Rather, when a record is released under the FOI Act, it effectively amounts to disclosure to "the world at large" ( H.(E.) v Information Commissioner [2001] IEHC 58). The FOI Act places no restrictions on the type or extent of disclosure or the subsequent use to which the record may be put. I therefore find that section 37(1) applies to the identifying details of the third party individual (apart from the barrister) referred to in the records concerned.
Section 37(2) of the FOI Act sets out certain circumstances in which 37(1) does not apply. However, I am satisfied that none of those circumstances arises in this case in relation to the third party individual concerned. Section 37(5) provides that a request that would fall to be refused under section 37(1) may still be granted where, on balance:
(a) the public interest that the request should be granted outweighs the right to privacy of the individual to whom the information relates, or
(b) the grant of the information would be to the benefit of the person to whom the information relates.

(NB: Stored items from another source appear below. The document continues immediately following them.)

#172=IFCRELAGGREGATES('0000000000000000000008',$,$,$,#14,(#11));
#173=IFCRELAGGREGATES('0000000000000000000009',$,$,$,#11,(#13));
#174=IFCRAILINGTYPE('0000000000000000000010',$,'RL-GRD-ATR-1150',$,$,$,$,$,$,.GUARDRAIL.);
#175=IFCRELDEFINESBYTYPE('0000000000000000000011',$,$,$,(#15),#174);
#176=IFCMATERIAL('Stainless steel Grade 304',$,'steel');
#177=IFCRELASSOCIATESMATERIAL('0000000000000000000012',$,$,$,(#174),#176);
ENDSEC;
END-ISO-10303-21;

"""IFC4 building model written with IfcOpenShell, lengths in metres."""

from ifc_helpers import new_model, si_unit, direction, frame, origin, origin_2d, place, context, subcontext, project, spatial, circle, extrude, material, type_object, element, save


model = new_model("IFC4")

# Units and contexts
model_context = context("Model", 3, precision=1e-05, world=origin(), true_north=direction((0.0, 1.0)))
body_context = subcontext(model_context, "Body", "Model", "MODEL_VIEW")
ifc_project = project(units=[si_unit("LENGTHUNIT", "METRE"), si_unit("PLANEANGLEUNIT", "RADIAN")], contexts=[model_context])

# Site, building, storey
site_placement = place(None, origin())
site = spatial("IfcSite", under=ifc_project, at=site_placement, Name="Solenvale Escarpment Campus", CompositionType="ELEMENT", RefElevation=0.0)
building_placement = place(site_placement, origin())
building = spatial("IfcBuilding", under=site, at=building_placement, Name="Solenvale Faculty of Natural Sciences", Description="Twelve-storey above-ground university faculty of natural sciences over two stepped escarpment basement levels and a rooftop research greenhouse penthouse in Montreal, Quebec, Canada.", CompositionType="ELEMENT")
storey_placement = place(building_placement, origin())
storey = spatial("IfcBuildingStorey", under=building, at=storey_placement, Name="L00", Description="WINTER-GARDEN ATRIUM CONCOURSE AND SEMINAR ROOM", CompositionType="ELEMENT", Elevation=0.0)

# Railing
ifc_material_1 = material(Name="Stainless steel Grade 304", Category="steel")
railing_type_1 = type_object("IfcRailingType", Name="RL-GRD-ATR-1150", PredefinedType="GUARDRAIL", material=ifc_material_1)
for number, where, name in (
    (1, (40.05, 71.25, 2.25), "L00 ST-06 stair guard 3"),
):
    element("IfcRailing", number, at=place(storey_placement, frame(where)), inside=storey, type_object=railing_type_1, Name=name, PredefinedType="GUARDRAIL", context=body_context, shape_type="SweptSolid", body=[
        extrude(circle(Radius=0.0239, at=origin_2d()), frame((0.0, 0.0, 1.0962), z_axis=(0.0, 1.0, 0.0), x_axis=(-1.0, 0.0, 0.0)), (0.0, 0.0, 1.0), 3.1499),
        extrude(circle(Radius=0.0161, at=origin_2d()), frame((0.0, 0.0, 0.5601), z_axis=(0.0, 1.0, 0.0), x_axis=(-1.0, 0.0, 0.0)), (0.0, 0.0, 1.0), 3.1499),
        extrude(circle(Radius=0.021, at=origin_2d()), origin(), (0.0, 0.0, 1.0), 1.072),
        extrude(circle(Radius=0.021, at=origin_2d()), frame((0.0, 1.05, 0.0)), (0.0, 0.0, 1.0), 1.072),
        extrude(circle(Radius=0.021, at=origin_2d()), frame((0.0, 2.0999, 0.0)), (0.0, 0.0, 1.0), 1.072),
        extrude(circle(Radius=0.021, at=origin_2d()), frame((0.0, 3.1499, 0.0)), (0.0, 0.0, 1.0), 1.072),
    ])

As I find no basis for concluding that the release of the information concerned would be to the benefit of the individual to whom it relates, I find that section 37(5)(b) does not apply. In considering the public interest test contained in section 37(5)(a), it is important to have regard to the comments of the Supreme Court in The Governors and Guardians of the Hospital for the Relief of Poor Lying-In Women v. the Information Commissioner [2011] IESC 26 ("the Rotunda Hospital case"). It is noted that a public interest ("a true public interest recognised by means of a well known and established policy, adopted by the Oireachtas, or by law") should be distinguished from a private interest. In this case, I find that the public interest in granting access to the identifying details of the individual concerned does not outweigh the public interest in upholding the right to privacy of the individual. Accordingly, I find that the records at issue should be released to the applicant subject to the redaction of the identifying details of the third party individual (apart from the barrister) referred to therein.
Having carried out a review under section 22(2) of the FOI Act, I hereby vary the decision of the Department in this case by directing the release of the records concerned subject to the redaction of the identifying details of the third party individual (apart from the barrister) referred to therein.
Section 24 of the FOI Act sets out detailed provisions for an appeal to the High Court by a party to a review, or any other person affected by the decision. In summary, such an appeal, normally on a point of law, must be initiated by the applicant not later than eight weeks after notice of the decision was given, and by any other party not later than four weeks after notice of the decision was given.